The effort in Year 1 will focus on creating simplified models of human and autonomous asset decision-making and using these models to coordinate a set of tasks for a complex mission with given team size and composition. These models will be simple enough to explore various task distributions and coordination strategies but will also include the right attributes to capture the dynamics of human-autonomous asset collaboration. The effort in Year 2 will create high-fidelity AI processes with state-of-the-art methods to replace the simplified model of autonomous assets and optimize the task distribution between humans and autonomous members. The high-fidelity AI processes will allow exploring the limitations and the benefits of existing AI methods and their impact on the team decision-making. The effort in Year 3 will replace the model of human decision making with real people in the loop in virtual environments (such as video games). These environments will allow exploring the human factors and the creative power of human cognition. The results of this study can change the way we conceive the human-autonomous asset collaboration today and inform the hardware/software design of more synergistic autonomous systems for the future.

Publications from Prior Work closely related to the proposed project:

  • Bayrak A. E., Collopy A., Papalambros P., Epureanu B., “Multiobjective Optimization of Modular Design Concepts for a Collection of Interacting Systems.” Structural and Multidisciplinary Optimization, 57(1), 83-94, 2017.
  • Bayrak A. E., Egilmez M. M., Kuang H., Li X., Park J. M., Hu J., Papalambros P. Y., Epureanu B.I., Umpfenbach E., Anderson E., and Gorsich D., “A System of Systems Approach to Strategic Feasibility of Modular Vehicle Fleets.” IEEE Transactions on Systems, Man, and Cybernetics: Systems, (99), 1-13, 2018.

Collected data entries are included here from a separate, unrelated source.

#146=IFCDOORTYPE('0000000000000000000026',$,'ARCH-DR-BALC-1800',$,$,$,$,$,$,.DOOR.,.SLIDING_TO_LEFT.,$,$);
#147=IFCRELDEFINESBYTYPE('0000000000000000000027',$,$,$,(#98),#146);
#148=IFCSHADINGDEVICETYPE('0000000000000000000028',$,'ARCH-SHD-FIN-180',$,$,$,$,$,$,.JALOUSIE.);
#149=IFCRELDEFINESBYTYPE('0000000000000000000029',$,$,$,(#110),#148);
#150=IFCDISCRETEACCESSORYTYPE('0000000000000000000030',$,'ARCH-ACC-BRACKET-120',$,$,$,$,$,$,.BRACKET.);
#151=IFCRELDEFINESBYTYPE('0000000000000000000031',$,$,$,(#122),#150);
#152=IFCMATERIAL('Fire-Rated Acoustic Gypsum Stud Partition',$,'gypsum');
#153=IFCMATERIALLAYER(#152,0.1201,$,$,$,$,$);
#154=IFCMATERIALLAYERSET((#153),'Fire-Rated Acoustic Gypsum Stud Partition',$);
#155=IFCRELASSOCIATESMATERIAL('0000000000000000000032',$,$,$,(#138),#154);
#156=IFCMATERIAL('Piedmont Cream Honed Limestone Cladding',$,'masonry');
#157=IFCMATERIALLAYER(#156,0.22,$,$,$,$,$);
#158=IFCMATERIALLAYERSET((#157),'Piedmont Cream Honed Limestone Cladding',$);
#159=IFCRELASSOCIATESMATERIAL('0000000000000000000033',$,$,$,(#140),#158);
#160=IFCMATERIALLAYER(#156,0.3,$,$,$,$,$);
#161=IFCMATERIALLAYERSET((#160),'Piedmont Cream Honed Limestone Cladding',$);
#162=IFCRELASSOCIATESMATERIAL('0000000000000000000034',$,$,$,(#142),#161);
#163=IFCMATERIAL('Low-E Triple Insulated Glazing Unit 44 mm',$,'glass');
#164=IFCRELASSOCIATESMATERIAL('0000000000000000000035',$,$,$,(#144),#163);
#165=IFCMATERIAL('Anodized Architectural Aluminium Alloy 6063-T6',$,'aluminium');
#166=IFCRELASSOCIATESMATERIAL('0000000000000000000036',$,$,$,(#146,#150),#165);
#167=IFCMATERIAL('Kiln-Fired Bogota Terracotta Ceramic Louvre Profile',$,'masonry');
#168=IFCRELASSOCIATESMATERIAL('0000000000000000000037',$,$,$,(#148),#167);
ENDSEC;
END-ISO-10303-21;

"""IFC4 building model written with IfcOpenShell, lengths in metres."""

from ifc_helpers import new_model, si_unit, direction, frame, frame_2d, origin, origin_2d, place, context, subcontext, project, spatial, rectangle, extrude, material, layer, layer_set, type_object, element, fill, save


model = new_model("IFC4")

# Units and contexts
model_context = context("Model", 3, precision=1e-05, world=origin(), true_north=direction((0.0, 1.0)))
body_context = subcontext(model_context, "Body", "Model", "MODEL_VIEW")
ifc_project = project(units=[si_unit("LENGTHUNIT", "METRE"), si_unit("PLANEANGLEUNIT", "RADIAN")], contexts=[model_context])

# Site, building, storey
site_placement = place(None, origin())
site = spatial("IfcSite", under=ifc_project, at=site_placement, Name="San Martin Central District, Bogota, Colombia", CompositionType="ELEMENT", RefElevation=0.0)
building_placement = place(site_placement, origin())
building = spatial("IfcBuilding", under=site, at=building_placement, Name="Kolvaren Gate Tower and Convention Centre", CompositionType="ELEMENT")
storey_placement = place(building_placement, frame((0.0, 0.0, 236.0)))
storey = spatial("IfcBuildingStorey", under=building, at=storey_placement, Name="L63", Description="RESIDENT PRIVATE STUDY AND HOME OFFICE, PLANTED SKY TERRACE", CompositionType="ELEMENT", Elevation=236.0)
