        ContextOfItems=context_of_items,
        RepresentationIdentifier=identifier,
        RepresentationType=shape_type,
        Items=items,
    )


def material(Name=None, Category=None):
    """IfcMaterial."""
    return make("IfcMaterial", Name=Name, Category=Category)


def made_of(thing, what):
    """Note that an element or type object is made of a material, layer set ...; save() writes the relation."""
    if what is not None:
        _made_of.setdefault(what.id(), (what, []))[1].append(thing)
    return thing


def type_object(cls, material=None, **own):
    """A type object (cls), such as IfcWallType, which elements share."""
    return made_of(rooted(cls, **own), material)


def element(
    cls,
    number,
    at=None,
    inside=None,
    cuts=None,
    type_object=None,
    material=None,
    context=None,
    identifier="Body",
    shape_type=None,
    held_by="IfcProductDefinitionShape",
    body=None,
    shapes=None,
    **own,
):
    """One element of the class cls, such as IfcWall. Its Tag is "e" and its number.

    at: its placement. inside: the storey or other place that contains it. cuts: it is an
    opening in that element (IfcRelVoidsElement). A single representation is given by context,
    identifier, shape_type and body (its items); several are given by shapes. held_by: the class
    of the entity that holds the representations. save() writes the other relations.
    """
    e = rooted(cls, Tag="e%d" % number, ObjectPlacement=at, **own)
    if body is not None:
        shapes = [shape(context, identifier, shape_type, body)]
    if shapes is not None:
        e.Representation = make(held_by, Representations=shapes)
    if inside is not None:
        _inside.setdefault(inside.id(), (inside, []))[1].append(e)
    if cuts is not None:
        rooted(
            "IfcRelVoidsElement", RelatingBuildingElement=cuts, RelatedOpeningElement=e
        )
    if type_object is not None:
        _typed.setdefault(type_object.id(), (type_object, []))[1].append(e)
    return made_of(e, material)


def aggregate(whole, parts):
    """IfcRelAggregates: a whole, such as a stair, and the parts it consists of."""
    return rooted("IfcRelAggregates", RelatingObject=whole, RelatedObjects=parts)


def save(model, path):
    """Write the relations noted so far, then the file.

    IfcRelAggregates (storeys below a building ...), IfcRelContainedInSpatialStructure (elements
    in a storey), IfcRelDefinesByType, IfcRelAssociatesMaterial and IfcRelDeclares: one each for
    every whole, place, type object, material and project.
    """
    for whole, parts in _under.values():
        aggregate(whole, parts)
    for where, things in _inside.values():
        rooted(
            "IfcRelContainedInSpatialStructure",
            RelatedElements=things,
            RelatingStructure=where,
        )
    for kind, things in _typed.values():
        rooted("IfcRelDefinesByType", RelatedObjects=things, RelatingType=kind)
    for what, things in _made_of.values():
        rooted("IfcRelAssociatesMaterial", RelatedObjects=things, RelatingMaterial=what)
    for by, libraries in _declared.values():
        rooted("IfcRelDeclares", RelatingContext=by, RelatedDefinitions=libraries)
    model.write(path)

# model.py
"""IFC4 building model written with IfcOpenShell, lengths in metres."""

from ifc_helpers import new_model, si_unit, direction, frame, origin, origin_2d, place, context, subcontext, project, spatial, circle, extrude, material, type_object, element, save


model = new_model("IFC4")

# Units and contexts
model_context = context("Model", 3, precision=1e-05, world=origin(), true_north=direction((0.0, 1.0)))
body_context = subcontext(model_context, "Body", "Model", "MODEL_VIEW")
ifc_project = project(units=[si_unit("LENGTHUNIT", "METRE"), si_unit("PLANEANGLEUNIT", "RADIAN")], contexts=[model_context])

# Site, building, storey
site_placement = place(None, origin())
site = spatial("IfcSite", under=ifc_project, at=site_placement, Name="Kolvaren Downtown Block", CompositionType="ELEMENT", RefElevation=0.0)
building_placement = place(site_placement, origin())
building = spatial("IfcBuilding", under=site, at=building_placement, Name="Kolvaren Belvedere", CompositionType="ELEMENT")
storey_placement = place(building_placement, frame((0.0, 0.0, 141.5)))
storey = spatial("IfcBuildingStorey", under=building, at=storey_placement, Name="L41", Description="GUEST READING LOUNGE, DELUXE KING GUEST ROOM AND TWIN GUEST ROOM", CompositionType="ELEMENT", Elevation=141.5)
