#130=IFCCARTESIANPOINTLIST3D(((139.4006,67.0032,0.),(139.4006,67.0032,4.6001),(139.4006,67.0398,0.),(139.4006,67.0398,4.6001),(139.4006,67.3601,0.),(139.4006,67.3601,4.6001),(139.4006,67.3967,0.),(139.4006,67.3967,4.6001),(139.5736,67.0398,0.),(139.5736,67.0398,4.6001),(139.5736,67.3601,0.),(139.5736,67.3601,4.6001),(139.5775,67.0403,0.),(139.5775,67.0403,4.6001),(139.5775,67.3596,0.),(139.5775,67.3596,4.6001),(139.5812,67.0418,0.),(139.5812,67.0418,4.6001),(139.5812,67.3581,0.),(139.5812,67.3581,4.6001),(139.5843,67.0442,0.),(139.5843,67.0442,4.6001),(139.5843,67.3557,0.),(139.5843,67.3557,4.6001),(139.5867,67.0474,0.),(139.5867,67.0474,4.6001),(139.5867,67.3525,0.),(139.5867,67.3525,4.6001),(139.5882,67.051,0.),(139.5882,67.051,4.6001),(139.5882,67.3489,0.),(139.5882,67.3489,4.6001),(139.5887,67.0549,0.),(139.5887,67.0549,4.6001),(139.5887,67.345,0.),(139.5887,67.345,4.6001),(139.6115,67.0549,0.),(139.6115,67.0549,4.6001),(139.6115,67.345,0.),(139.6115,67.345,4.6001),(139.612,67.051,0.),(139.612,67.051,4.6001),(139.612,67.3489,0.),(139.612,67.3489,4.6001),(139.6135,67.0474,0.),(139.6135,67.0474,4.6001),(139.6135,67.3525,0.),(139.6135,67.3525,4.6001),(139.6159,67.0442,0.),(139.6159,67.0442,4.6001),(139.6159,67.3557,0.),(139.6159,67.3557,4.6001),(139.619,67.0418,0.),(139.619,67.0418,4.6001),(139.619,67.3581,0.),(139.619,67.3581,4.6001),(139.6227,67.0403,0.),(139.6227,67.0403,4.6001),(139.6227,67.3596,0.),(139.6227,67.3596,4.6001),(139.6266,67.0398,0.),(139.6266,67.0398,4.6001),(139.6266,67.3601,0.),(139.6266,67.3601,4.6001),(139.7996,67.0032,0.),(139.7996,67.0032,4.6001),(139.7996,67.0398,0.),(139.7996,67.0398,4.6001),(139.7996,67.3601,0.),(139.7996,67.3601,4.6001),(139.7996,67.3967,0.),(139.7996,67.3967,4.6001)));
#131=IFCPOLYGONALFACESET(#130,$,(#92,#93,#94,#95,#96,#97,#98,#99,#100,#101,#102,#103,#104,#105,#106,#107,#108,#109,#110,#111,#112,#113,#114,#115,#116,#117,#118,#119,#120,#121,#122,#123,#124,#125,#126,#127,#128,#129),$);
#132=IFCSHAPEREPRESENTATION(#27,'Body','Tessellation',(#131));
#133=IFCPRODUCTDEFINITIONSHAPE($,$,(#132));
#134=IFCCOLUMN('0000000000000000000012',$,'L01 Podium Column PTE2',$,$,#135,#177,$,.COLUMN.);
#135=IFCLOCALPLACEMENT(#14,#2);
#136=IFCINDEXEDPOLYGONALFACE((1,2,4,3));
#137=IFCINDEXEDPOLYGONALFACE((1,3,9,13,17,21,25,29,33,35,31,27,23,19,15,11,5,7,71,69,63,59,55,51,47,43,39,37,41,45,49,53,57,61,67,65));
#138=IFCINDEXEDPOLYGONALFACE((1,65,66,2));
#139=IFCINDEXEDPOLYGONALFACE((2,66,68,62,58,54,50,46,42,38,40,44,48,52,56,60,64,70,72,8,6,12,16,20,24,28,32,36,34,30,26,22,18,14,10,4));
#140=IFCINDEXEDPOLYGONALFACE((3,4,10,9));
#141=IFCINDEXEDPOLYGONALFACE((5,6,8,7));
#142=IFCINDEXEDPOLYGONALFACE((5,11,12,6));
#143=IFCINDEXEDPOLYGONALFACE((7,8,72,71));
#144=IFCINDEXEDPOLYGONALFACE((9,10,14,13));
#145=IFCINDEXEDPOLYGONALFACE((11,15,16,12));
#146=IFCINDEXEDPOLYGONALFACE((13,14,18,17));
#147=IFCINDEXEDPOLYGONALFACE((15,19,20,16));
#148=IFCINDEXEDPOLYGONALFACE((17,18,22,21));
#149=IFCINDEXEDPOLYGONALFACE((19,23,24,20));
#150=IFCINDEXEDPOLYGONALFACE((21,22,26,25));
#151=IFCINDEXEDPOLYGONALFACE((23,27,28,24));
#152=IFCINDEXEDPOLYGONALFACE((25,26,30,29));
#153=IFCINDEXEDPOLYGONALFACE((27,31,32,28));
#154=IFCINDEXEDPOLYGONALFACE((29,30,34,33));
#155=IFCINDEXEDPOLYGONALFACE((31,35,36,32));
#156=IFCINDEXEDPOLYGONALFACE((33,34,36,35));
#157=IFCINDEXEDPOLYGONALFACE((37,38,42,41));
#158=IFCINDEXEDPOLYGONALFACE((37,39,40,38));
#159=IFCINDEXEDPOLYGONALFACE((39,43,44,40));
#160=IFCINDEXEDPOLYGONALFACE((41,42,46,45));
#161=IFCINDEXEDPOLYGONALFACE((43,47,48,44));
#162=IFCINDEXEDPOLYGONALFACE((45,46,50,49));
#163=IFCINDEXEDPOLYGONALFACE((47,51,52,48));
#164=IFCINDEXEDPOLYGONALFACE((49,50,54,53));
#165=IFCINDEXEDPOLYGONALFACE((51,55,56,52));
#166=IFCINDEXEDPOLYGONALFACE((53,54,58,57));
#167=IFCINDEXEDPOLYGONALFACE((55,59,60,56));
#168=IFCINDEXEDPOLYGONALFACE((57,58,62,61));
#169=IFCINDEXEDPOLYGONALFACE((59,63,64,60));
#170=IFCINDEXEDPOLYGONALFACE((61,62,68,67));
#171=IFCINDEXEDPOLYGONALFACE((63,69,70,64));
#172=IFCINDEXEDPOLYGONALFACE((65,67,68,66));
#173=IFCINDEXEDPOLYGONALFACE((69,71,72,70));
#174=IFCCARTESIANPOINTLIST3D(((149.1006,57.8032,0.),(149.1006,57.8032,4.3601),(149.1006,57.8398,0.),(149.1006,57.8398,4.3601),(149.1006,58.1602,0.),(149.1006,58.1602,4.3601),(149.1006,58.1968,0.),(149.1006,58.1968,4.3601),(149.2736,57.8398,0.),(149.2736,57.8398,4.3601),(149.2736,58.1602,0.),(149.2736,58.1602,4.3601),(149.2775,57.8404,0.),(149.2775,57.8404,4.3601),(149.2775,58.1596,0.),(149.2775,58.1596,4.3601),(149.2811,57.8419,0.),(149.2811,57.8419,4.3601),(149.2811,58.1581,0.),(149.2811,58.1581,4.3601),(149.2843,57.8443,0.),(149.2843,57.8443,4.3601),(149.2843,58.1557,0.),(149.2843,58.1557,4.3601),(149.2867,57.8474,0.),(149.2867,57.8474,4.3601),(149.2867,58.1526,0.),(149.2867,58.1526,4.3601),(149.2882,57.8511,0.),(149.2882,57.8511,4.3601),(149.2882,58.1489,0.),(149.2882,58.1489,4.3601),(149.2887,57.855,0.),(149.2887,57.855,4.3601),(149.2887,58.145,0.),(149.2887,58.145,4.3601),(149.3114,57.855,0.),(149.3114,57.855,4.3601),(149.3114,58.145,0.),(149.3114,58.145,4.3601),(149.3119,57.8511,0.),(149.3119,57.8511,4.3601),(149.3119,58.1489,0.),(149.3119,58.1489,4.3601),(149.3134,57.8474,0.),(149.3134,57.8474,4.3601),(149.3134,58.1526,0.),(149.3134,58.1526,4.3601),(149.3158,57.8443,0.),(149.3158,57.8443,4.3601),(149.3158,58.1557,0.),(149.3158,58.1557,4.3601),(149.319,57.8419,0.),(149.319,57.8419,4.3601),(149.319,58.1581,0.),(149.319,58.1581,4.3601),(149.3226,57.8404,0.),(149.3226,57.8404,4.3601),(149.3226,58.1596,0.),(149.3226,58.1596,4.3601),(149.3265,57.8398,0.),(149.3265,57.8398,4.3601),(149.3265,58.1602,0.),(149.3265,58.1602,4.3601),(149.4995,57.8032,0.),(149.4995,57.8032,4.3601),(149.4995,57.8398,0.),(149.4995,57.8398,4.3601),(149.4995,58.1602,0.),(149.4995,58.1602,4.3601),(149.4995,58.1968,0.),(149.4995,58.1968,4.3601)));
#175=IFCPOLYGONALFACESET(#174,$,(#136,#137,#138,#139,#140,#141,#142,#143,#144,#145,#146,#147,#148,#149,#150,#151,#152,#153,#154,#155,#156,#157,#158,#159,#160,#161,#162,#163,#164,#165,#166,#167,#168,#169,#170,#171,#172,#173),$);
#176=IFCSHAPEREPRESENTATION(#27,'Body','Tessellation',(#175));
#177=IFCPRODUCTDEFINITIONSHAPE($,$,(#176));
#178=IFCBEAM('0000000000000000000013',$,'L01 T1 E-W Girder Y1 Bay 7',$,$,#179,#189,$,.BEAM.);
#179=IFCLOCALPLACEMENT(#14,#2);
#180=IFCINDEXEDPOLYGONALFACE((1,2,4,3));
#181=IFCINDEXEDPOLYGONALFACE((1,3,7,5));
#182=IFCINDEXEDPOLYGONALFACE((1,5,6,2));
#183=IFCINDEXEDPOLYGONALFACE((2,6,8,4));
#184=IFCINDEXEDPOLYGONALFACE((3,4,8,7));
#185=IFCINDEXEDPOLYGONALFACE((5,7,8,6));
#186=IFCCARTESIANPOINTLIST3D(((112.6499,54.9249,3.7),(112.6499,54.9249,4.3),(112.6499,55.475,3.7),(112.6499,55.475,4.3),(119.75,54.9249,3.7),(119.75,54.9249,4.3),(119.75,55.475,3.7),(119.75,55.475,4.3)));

  • Li X., Epureanu B. I., “Intelligent Agent-based Dynamic Scheduling for Military Modular Vehicle Fleets.” Proceedings of the 2017 Industrial and Systems Engineering Conference, Pittsburgh, PA, May 20-23, 2017.
  • Li X., Epureanu B. I., “Robustness and Adaptability Analysis of Future Military Modular Fleet Operation System.” Proceedings of the 2017 Dynamic Systems and Control Conference, Tysons Corner, VA, Oct 11-13, 2017.
  • Li X., Epureanu B. I., “An Agent-based Approach for Optimizing Modular Vehicle Fleet Operation.” International Journal of Production Economics, 2018 (to be submitted).
  • Li X., Epureanu B. I., “Analysis of Fleet Modularity in an Artificial Intelligence Based Defender-Attacker Game.” Journal of Operations Management, 2018 (to be submitted).